Election interlude: or, some caution about the Nov. 9th explainer

So as you may have heard, on Tuesday the United States had a Presidential election. I’m trying not to think about the existential implications of this for a republic that, despite the fact that I am not a citizen, nevertheless matters profoundly to me as the place where I grew up and where my parents, brother, in-laws and so on still live. When I think about the issues I care most about — protecting the rights of minorities, taking action to prevent climate change and building a stable international order — I have to say the outlook is not promising. But that’s not what I want to talk about!

Nothing to do with this election looks good, so here’s a picture of me looking serious. 

If you’re like me, then your post-election-day social media feeds have been full of people with links to articles explaining exactly why the election turned out the way it did. These are often presented as the real reason for Trump’s victory, which contradict the previous reason you believed in. This showcases a remarkable ability to understand the election 24 hours after it by people who, 24 hours before it, were apparently way off base, but let that pass.
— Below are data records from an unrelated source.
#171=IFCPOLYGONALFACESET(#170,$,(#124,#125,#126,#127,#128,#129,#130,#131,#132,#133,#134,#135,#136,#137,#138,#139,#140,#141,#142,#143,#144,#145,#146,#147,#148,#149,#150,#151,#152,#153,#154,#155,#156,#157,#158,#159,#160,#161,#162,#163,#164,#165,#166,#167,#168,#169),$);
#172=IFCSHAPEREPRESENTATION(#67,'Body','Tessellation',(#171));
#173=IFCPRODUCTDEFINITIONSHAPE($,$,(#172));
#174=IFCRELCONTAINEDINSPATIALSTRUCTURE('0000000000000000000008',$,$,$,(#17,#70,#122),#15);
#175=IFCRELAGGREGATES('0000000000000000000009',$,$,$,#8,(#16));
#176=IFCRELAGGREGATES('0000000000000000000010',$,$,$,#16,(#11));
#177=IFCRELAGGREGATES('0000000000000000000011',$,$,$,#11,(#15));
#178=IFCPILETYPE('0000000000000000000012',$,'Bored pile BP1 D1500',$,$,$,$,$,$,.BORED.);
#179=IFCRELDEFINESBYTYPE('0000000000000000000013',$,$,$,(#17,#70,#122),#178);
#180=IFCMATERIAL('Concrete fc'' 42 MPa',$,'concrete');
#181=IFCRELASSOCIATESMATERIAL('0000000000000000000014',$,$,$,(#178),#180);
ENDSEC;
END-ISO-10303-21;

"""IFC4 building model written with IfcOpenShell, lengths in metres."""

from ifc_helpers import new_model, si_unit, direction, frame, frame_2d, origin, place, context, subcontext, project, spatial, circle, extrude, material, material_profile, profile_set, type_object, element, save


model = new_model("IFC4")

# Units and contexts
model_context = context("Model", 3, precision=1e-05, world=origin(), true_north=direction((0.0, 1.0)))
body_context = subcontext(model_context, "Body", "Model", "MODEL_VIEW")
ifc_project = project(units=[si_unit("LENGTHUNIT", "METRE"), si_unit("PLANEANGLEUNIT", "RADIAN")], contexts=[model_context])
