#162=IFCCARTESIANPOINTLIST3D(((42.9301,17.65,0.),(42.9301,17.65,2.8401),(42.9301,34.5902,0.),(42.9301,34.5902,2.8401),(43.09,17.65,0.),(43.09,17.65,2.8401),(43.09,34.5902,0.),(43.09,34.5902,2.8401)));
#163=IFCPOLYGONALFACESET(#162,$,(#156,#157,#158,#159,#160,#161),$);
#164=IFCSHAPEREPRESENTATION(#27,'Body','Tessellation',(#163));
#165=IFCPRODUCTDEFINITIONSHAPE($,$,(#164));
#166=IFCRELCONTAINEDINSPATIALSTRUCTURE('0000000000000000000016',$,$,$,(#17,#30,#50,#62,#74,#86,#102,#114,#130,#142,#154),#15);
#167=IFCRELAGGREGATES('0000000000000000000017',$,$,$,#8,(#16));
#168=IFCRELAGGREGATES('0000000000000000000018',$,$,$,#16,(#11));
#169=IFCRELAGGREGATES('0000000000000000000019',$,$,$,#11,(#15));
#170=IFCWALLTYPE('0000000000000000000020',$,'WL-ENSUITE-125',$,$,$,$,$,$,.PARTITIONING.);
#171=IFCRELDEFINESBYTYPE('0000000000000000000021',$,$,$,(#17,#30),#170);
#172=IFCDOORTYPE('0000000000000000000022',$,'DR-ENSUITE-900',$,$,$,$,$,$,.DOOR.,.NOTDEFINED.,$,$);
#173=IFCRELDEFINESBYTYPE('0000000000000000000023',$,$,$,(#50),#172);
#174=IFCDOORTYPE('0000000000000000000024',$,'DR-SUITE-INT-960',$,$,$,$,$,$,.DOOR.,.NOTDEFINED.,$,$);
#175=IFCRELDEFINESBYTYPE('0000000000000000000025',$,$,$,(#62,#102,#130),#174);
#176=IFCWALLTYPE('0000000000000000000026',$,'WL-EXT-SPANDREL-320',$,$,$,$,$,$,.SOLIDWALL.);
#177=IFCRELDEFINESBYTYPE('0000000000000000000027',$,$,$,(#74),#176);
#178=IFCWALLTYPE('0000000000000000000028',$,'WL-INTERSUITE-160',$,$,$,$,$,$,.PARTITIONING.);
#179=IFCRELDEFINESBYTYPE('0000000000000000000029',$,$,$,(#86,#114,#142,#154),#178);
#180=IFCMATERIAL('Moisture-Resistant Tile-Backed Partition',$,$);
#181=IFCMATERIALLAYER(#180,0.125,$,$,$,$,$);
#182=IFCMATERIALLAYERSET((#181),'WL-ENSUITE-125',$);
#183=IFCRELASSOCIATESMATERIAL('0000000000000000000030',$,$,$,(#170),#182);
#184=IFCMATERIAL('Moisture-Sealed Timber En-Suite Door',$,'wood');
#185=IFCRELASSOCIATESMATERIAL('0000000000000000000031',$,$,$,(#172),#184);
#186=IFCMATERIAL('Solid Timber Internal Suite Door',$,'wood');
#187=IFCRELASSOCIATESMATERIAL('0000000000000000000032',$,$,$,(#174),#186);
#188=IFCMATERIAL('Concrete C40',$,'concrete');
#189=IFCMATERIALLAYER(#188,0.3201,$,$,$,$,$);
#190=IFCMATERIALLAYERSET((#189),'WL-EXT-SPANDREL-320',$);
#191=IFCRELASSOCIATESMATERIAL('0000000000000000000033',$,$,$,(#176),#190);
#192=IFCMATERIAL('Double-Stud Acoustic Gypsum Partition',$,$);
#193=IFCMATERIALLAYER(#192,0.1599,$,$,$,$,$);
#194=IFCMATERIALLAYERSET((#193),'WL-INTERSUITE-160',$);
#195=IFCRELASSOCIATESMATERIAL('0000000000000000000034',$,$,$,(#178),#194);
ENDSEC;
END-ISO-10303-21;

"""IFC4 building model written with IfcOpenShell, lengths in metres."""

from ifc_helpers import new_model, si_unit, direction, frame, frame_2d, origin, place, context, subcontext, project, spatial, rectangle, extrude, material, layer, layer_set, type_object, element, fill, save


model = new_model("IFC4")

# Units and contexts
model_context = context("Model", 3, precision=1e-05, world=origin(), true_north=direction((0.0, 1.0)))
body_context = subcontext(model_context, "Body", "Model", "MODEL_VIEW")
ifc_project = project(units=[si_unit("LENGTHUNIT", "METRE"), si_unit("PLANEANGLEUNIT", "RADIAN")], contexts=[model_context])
Here are a few of the explanations I’ve seen so far:

  • Clinton was a weak candidate who failed to motivate 2008’s powerful “Obama coalition.” Optional extra: Sanders would have won.
  • The Electoral College has once again betrayed us.
  • Liberal elites have overlooked the valid anxieties of working-class whites.
  • Liberal elites have overlooked the ignorant racism of working-class whites.
  • Clinton is friends with too many celebrities.
  • American voters do not want a female president.
  • Voter suppression in states like North Carolina depressed African-American turnout.
  • Young people voted in insufficient numbers.
  • Trump voters are throwing a bomb at what they perceive as an unaccountable elite.
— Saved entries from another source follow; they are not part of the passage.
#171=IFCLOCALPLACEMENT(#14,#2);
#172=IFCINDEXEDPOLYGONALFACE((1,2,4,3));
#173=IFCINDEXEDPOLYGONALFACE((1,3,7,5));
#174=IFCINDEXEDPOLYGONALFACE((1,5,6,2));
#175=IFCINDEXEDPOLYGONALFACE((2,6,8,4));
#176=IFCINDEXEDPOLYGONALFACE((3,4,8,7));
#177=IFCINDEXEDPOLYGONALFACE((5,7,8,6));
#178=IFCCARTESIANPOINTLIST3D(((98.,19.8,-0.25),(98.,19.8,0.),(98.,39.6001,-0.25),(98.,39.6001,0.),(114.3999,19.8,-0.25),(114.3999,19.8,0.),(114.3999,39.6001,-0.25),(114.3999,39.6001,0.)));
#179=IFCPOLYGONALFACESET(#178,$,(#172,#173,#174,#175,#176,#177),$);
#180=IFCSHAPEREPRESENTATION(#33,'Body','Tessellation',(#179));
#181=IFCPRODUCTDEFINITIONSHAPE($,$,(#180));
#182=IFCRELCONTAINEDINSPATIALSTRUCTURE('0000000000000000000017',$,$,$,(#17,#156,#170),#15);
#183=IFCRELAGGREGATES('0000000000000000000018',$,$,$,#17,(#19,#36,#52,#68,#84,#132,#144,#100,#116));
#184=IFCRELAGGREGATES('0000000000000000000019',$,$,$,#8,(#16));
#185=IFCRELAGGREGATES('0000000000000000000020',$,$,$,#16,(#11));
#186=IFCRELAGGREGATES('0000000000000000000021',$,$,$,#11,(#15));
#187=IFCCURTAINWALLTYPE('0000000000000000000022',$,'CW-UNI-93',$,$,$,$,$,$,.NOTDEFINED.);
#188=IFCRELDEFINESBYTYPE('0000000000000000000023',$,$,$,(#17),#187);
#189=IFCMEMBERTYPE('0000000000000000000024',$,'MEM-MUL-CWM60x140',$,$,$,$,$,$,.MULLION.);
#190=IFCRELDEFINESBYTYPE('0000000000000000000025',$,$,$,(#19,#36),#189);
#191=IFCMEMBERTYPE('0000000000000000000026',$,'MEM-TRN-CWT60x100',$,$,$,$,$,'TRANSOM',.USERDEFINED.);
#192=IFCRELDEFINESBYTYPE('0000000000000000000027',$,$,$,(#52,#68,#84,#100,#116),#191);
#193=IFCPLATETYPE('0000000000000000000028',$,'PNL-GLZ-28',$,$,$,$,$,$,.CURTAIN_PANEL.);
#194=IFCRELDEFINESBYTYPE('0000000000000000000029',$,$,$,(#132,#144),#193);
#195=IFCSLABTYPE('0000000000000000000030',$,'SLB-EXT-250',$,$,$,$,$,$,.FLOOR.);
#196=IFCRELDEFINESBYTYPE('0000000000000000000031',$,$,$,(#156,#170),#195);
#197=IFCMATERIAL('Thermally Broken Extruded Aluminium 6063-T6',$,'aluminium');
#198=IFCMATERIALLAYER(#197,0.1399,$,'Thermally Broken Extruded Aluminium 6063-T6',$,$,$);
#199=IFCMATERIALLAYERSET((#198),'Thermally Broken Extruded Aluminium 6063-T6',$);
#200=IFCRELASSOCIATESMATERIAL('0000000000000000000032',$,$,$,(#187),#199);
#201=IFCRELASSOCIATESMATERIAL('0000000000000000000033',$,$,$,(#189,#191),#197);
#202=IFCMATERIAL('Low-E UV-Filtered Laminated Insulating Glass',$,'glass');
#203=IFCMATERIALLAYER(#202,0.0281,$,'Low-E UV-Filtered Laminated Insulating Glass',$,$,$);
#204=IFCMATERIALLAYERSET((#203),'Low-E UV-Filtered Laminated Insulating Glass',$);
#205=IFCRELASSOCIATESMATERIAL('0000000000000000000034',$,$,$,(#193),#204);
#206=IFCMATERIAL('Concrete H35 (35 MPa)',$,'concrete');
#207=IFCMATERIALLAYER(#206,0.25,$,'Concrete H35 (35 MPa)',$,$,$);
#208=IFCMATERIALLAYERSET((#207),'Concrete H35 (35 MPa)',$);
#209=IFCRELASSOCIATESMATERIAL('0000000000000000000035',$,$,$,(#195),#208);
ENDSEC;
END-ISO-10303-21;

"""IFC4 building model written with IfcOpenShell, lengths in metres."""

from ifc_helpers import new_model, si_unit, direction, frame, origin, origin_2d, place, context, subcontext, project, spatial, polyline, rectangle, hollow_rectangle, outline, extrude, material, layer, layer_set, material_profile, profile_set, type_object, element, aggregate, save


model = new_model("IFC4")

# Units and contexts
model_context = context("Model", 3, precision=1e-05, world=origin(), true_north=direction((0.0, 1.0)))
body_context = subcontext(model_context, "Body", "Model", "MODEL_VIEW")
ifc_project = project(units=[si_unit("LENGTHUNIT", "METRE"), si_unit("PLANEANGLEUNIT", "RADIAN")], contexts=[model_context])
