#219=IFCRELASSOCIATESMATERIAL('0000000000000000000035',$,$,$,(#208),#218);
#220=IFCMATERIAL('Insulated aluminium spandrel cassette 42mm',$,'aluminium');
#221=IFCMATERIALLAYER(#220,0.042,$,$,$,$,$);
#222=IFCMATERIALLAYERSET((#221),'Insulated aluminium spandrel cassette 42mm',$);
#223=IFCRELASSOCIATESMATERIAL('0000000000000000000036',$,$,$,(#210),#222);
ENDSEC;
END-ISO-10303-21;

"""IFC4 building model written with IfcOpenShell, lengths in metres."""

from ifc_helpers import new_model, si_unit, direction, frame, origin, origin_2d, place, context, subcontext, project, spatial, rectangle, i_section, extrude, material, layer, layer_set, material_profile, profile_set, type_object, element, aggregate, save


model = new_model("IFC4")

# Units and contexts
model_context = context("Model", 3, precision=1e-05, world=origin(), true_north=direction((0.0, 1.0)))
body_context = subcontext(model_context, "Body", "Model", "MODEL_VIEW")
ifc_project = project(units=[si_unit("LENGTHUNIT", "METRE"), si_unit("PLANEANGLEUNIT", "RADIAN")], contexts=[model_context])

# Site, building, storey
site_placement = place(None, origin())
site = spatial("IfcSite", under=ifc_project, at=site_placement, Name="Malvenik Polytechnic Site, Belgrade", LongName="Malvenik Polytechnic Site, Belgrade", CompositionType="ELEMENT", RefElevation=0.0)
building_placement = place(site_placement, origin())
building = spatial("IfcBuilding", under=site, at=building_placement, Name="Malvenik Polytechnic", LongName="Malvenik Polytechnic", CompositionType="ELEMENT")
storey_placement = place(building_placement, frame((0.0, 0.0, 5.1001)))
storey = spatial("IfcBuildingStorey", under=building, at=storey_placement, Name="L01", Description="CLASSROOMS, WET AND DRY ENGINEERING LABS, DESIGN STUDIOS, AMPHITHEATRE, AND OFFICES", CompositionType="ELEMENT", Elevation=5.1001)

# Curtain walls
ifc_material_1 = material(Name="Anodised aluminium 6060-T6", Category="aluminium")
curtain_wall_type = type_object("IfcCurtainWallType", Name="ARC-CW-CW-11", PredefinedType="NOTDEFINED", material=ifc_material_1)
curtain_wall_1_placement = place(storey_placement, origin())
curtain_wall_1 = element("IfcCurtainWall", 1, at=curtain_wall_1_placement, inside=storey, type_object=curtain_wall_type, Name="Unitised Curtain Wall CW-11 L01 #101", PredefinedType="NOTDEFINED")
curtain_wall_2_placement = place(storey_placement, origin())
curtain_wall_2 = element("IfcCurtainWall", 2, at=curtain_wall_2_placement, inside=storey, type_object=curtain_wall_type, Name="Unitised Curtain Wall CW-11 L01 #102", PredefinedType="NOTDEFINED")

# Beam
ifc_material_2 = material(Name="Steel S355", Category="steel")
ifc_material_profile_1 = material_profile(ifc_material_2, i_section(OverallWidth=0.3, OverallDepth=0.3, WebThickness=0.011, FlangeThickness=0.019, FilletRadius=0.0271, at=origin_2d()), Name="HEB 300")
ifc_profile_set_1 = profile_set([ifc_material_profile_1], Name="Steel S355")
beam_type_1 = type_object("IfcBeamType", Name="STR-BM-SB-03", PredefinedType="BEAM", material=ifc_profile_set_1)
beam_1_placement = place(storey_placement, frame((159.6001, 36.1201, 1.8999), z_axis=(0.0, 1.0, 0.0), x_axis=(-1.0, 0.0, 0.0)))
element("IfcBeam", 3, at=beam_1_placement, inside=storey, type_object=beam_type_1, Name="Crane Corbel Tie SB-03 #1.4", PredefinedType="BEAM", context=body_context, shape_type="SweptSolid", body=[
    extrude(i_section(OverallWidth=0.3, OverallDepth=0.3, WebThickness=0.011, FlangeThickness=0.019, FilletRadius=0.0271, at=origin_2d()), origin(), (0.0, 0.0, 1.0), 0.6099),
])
Now on the face of it, most of these seem reasonable, except of course for the one about the celebrities (by this view, “ordinary Americans” don’t like celebrities, something I have not seen a lot of evidence of). I might also quibble with the Sanders thing — for most Americans, the word “socialist” is a filthy one, and the guy who didn’t run always looks appealing, as we can see from the New Hampshire voters who wrote Mitt Romney’s name in.

But what seems obvious to me is that, maybe apart from those, they’re all true. Like, voter suppression definitely happened and definitely had an effect. Voter ID laws are all about suppressing the Democratic vote based on essentially groundless concerns about fraud (if you were going to rig an election with phony ballots, hiring extras to impersonate voters would be the absolute worst way you could do it in 2016), and voting rights advocates have been saying so forever. The pattern is pretty clear.

But does that mean that American voters aren’t actually opposed to a female president? I mean, I think you only have to look at the gendered rhetoric of the campaign, especially the unofficial Trump merchandising, to see that a lot of people don’t like the idea that Hillary Clinton is a woman. So that’s true. But the fact that that’s true doesn’t mean that Trump voters aren’t angry at a system that they feel — erroneously or not — isn’t working for them and just want to blow it up. Many of them said as much, and I don’t see any reason to doubt them. And it is true that elites sneer at working-class whites, especially southerners, that conservative elites have done a somewhat better job of hiding the fact, and that those working-class whites have noticed.

So it seems like all or many of these possible explanations hold some water and that we could see them as contributing factors. And I’m sure that if you asked many of the authors who write these stories, they’d agree with you. But they way they’re shared and promoted is as though each of them is the key, the explanation that makes it all make sense (since a Trump victory is understood not to make sense).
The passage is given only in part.